Qu'est-ce que le syndrome MRKH ?

Le syndrome de Rokitansky qui est aussi appelé MRKH n'est en général diagnostiqué qu'à l'adolescence.
Le syndrome touche un nouveau-né de sexe féminin 1 fois sur 4000 ou 1 fois sur 4500 naissances.
La jeune fille n'a jamais de règles mais elle a quand même une poitrine normalement développée et tous les signes de féminité extérieurs.

Après de nombreux examens, les médecins remarquent qu'elle a des ovaires et des trompes mais n'a ni utérus ni vagin développé.
Il faudra alors qu'elle choisisse , avec son médecin et suivant la malléabilité de la cupule vaginale, entre une opération chirurgicale pour créer un vagin ou des dilatations qu'elle fera par elle-même et par la suite avec l'aide de son concubin en ayant des rapports sexuels au fur et à mesure du temps, de la patience et de la compassion de son copain.

Elle a également la possibilité de ne rien tenter et d'accepter cet état.
Elle ne pourra jamais porter d'enfant.

La jeune fille vit alors un choc très fort mêlé d'inquiétudes, d'interrogations et de désillusions qui peuvent influencer sa vie sexuelle et sa vie de femme.

I / Comment savoir si la jeune-fille à le MRKH ?
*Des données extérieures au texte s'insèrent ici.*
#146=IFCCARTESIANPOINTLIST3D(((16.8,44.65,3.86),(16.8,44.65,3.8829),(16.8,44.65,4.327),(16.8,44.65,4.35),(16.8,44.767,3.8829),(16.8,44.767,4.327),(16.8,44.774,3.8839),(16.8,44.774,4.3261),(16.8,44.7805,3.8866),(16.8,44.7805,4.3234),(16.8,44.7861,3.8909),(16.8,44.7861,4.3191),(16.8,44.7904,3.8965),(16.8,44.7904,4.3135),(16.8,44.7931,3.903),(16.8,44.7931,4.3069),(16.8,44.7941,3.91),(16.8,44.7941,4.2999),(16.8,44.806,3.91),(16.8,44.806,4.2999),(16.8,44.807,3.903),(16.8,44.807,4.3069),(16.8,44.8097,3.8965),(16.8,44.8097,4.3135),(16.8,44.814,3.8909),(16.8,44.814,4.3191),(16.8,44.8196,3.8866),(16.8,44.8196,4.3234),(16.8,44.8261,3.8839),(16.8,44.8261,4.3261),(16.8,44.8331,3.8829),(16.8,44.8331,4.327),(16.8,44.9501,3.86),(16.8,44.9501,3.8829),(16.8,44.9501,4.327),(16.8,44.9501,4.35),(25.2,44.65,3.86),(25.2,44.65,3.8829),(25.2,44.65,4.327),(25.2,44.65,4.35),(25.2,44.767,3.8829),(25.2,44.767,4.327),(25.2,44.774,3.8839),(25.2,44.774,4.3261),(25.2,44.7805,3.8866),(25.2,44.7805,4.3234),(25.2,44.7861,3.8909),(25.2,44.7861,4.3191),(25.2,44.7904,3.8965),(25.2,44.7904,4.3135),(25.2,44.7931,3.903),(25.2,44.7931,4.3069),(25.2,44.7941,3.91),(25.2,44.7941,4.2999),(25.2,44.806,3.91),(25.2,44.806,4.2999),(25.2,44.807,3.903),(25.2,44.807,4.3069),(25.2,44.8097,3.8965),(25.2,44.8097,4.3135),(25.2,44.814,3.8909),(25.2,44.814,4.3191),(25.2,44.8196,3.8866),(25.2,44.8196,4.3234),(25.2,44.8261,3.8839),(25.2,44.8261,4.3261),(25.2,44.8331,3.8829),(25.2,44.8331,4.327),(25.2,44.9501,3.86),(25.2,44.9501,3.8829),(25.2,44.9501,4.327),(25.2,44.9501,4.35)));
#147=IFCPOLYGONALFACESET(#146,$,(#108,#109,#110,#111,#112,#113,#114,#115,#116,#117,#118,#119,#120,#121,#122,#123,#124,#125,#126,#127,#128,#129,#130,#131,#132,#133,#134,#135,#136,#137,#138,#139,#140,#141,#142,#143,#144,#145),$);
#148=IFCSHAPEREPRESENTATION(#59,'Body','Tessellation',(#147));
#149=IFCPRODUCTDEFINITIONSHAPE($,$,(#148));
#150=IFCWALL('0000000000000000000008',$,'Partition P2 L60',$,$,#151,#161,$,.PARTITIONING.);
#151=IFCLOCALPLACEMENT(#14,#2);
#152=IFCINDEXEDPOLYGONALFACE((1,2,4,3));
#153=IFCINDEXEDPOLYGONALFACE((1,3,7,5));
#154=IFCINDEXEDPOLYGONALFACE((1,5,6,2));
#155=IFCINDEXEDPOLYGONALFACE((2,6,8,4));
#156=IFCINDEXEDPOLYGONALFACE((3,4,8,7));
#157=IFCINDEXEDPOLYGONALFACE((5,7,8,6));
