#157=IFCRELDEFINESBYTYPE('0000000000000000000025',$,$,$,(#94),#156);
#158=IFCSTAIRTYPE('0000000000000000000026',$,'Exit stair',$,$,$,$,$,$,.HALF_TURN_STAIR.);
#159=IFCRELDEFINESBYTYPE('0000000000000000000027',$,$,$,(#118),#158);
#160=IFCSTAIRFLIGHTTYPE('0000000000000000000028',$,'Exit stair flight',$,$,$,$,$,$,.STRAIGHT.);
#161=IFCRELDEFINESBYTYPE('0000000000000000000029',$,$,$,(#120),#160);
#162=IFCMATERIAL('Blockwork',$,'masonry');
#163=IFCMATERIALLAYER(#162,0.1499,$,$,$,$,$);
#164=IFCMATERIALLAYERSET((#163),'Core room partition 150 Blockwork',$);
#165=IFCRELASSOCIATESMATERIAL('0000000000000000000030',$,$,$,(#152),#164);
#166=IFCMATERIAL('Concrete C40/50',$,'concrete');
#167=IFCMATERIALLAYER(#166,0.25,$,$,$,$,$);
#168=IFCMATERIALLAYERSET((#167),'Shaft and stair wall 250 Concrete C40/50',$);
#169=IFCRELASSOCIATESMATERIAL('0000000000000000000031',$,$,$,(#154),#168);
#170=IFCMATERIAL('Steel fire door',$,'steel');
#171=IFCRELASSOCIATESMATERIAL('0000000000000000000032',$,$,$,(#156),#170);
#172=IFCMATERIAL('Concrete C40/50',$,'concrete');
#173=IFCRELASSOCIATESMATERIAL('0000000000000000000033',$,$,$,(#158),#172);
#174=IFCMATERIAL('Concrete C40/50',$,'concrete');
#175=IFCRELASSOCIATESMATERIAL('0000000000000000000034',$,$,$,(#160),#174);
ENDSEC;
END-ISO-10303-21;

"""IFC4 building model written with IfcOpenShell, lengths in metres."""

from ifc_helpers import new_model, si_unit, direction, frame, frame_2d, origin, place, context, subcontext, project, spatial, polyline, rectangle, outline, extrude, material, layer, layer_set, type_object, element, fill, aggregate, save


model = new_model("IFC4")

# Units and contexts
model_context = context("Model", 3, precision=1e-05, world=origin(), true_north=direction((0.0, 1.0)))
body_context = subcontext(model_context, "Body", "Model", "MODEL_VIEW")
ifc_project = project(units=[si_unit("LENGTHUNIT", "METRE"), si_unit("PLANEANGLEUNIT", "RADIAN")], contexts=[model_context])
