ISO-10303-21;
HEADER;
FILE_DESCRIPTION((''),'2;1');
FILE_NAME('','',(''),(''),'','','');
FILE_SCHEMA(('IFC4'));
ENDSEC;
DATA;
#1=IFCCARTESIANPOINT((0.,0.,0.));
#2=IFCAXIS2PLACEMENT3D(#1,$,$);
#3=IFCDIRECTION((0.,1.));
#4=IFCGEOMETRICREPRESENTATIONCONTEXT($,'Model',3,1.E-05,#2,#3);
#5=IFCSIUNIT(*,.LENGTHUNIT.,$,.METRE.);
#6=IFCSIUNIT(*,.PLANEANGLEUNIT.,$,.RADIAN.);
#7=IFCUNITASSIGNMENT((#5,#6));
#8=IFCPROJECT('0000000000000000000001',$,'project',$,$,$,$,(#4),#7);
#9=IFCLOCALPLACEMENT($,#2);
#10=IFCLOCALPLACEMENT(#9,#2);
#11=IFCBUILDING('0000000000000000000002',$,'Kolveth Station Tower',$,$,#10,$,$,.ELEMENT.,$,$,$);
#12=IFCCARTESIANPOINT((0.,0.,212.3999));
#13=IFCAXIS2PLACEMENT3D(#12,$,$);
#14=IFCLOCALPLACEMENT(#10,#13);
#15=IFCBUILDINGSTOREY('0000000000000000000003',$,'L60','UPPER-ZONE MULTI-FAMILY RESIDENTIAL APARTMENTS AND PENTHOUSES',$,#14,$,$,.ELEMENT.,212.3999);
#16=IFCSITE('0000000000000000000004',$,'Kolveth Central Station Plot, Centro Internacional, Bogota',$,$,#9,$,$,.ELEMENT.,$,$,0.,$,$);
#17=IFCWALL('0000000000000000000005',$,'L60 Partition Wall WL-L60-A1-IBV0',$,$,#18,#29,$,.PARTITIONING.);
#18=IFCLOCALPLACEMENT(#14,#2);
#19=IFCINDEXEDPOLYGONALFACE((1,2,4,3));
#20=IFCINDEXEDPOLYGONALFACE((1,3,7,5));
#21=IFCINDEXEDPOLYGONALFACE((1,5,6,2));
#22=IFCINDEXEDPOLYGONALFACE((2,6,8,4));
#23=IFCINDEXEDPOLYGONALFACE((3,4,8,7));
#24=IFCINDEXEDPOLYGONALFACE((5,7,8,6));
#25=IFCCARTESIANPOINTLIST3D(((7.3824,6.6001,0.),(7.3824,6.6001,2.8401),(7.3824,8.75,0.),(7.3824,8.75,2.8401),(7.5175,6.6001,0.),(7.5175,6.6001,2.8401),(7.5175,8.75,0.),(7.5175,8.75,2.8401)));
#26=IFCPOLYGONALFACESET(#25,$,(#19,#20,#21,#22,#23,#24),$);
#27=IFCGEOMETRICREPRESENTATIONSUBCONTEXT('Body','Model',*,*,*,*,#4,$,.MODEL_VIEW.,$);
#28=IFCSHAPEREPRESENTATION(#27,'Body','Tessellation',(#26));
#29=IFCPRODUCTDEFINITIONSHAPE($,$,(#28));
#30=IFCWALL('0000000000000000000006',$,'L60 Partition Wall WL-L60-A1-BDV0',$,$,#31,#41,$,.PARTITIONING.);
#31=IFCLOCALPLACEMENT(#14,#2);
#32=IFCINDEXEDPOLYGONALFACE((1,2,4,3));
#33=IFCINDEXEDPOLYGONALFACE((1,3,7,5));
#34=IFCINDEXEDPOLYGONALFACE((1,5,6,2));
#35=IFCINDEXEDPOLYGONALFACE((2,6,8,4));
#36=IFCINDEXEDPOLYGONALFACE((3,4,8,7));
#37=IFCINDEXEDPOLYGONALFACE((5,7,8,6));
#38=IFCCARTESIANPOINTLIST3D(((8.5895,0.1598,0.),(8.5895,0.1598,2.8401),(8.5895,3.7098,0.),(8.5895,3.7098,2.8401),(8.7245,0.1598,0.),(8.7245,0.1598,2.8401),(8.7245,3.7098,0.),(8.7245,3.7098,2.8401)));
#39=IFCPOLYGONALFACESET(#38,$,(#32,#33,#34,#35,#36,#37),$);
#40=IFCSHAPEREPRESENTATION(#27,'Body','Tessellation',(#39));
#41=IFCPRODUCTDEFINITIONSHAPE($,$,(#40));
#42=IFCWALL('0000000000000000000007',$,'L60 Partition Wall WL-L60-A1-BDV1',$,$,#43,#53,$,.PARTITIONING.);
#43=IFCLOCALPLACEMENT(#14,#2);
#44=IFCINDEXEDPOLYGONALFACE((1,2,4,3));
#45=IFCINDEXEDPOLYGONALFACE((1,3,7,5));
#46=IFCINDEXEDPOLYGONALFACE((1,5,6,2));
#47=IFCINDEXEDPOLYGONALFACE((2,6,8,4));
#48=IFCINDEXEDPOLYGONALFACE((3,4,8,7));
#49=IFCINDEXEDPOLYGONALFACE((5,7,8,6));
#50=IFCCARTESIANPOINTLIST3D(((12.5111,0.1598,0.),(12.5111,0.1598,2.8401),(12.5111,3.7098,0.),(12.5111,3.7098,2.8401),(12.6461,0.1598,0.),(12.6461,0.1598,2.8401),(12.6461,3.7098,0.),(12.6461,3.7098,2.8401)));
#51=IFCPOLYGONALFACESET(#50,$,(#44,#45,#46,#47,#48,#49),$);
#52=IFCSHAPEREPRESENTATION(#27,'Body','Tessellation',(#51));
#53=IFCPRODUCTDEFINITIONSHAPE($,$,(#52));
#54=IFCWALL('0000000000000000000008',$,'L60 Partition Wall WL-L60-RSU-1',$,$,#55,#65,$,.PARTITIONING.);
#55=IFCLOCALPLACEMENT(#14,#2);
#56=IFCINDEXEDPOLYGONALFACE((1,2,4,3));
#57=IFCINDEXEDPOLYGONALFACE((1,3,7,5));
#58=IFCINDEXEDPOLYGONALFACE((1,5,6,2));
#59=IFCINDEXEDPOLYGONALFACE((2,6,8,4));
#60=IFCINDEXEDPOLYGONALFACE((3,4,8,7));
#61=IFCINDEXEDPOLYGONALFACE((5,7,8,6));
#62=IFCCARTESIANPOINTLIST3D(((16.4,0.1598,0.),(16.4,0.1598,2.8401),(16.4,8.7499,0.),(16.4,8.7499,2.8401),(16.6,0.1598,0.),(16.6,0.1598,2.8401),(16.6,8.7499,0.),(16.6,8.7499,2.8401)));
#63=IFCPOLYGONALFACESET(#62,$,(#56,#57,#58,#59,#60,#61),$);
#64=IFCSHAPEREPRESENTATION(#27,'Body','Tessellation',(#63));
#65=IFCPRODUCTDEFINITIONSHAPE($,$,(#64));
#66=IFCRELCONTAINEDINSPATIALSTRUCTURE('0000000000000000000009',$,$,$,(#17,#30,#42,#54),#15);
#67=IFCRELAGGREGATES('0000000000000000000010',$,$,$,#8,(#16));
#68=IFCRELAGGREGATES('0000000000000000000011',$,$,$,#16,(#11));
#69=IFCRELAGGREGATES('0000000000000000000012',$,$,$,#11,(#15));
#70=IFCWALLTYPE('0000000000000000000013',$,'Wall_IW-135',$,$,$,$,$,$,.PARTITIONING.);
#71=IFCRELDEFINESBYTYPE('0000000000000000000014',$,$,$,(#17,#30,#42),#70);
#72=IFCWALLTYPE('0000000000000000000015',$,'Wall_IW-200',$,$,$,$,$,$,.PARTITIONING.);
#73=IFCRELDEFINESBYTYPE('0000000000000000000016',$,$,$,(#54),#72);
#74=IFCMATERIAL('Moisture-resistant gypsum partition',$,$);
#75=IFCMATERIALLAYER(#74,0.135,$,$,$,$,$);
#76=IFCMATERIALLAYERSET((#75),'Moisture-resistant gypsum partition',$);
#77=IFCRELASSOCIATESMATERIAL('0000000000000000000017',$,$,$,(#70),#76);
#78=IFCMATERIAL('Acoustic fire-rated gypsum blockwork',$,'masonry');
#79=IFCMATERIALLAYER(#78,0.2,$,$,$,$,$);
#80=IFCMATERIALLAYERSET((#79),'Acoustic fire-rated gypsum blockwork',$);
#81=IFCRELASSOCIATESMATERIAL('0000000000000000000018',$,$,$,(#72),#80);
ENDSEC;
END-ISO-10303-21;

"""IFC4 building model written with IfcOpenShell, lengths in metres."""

from ifc_helpers import new_model, si_unit, direction, frame, frame_2d, origin, place, context, subcontext, project, spatial, rectangle, extrude, material, layer, layer_set, type_object, element, save


model = new_model("IFC4")

# Units and contexts
model_context = context("Model", 3, precision=1e-05, world=origin(), true_north=direction((0.0, 1.0)))
body_context = subcontext(model_context, "Body", "Model", "MODEL_VIEW")
ifc_project = project(units=[si_unit("LENGTHUNIT", "METRE"), si_unit("PLANEANGLEUNIT", "RADIAN")], contexts=[model_context])

# Site, building, storey
site_placement = place(None, origin())
site = spatial("IfcSite", under=ifc_project, at=site_placement, Name="Kolveth Central Station Plot, Centro Internacional, Bogota", CompositionType="ELEMENT", RefElevation=0.0)
building_placement = place(site_placement, origin())
building = spatial("IfcBuilding", under=site, at=building_placement, Name="Kolveth Station Tower", CompositionType="ELEMENT")
storey_placement = place(building_placement, frame((0.0, 0.0, 212.3999)))
storey = spatial("IfcBuildingStorey", under=building, at=storey_placement, Name="L60", Description="UPPER-ZONE MULTI-FAMILY RESIDENTIAL APARTMENTS AND PENTHOUSES", CompositionType="ELEMENT", Elevation=212.3999)

# Shared definitions
ifc_material_1 = material(Name="Moisture-resistant gypsum partition")
ifc_layer_1 = layer(ifc_material_1, 0.135)
ifc_layer_set_1 = layer_set([ifc_layer_1], Name="Moisture-resistant gypsum partition")
wall_type_1 = type_object("IfcWallType", Name="Wall_IW-135", PredefinedType="PARTITIONING", material=ifc_layer_set_1)

# Walls
wall_1_placement = place(storey_placement, frame((7.45, 6.6001, 0.0), z_axis=(0.0, 0.0, 1.0), x_axis=(0.0, 1.0, 0.0)))
element("IfcWall", 1, at=wall_1_placement, inside=storey, type_object=wall_type_1, Name="L60 Partition Wall WL-L60-A1-IBV0", PredefinedType="PARTITIONING", context=body_context, shape_type="SweptSolid", body=[
    extrude(rectangle(XDim=2.1499, YDim=0.135, at=frame_2d((1.075, 0.0))), origin(), (0.0, 0.0, 1.0), 2.8401),
])
wall_2_placement = place(storey_placement, frame((8.657, 0.1599, 0.0), z_axis=(0.0, 0.0, 1.0), x_axis=(0.0, 1.0, 0.0)))
element("IfcWall", 2, at=wall_2_placement, inside=storey, type_object=wall_type_1, Name="L60 Partition Wall WL-L60-A1-BDV0", PredefinedType="PARTITIONING", context=body_context, shape_type="SweptSolid", body=[
    extrude(rectangle(XDim=3.55, YDim=0.135, at=frame_2d((1.7749, 0.0))), origin(), (0.0, 0.0, 1.0), 2.8401),
])

# Wall
wall_3_placement = place(storey_placement, frame((12.5786, 0.1599, 0.0), z_axis=(0.0, 0.0, 1.0), x_axis=(0.0, 1.0, 0.0)))
element("IfcWall", 3, at=wall_3_placement, inside=storey, type_object=wall_type_1, Name="L60 Partition Wall WL-L60-A1-BDV1", PredefinedType="PARTITIONING", context=body_context, shape_type="SweptSolid", body=[
    extrude(rectangle(XDim=3.55, YDim=0.135, at=frame_2d((1.7749, 0.0))), origin(), (0.0, 0.0, 1.0), 2.8401),
])

# Wall
ifc_material_2 = material(Name="Acoustic fire-rated gypsum blockwork", Category="masonry")
ifc_layer_2 = layer(ifc_material_2, 0.2)
ifc_layer_set_2 = layer_set([ifc_layer_2], Name="Acoustic fire-rated gypsum blockwork")
wall_type_2 = type_object("IfcWallType", Name="Wall_IW-200", PredefinedType="PARTITIONING", material=ifc_layer_set_2)
wall_4_placement = place(storey_placement, frame((16.5, 0.1599, 0.0), z_axis=(0.0, 0.0, 1.0), x_axis=(0.0, 1.0, 0.0)))
element("IfcWall", 4, at=wall_4_placement, inside=storey, type_object=wall_type_2, Name="L60 Partition Wall WL-L60-RSU-1", PredefinedType="PARTITIONING", context=body_context, shape_type="SweptSolid", body=[
    extrude(rectangle(XDim=8.5901, YDim=0.2, at=frame_2d((4.2949, 0.0))), origin(), (0.0, 0.0, 1.0), 2.8401),
])

save(model, "model.ifc")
La jeune fille est généralement en très bonne santé, féminine et personne ne peut se douter par des indices qu'elle est atteinte du syndrome. Elle consulte un médecin uniquement pour absence de règles au moment de l'adolescence.

* Tout d'abord la jeune fille n'a JAMAIS eu ses règles : il s'agit bien d'une aménorrhée primaire. Si elle a déjà eu ses règles il ne s'agit pas du syndrome. Par ailleurs il est possible que la jeune fille ait des douleurs au ventre mais ce n'est pas systématique.

* La deuxième raison pour laquelle on peut penser au syndrome c'est lorsque la jeune fille n'a pas pu avoir de rapports sexuels complets c'est-à-dire une pénétration. Il arrive que la pénétration soit partielle mais assez douloureuse et inconfortable.

* Parfois la jeune fille peut présenter d'autres problèmes d'ordre auditifs, rénaux ou squelettiques (en particulier une scoliose) mais ce n'est pas non plus systématique. Certaines jeunes filles présentent également une anomalie cardiaque.

* Le diagnostic sera surtout posé grâce à des examens bien précis et quelques consultations prises avec le médecin, le gynécologue et plus tard un spécialiste MRKH qui confirmeront ou non le doute.

* Un examen manuel est d'abord tenté et le médecin ne peut sentir la présence de l'utérus

* Une courbe de température pourra être étudiée afin de voir si les ovaires sont présents et fonctionnent

* Enfin une échographie, un IRM et une coelioscopie permettront de poser le diagnostic et une échographie rénale permet de détecter une anomalie éventuelle des reins.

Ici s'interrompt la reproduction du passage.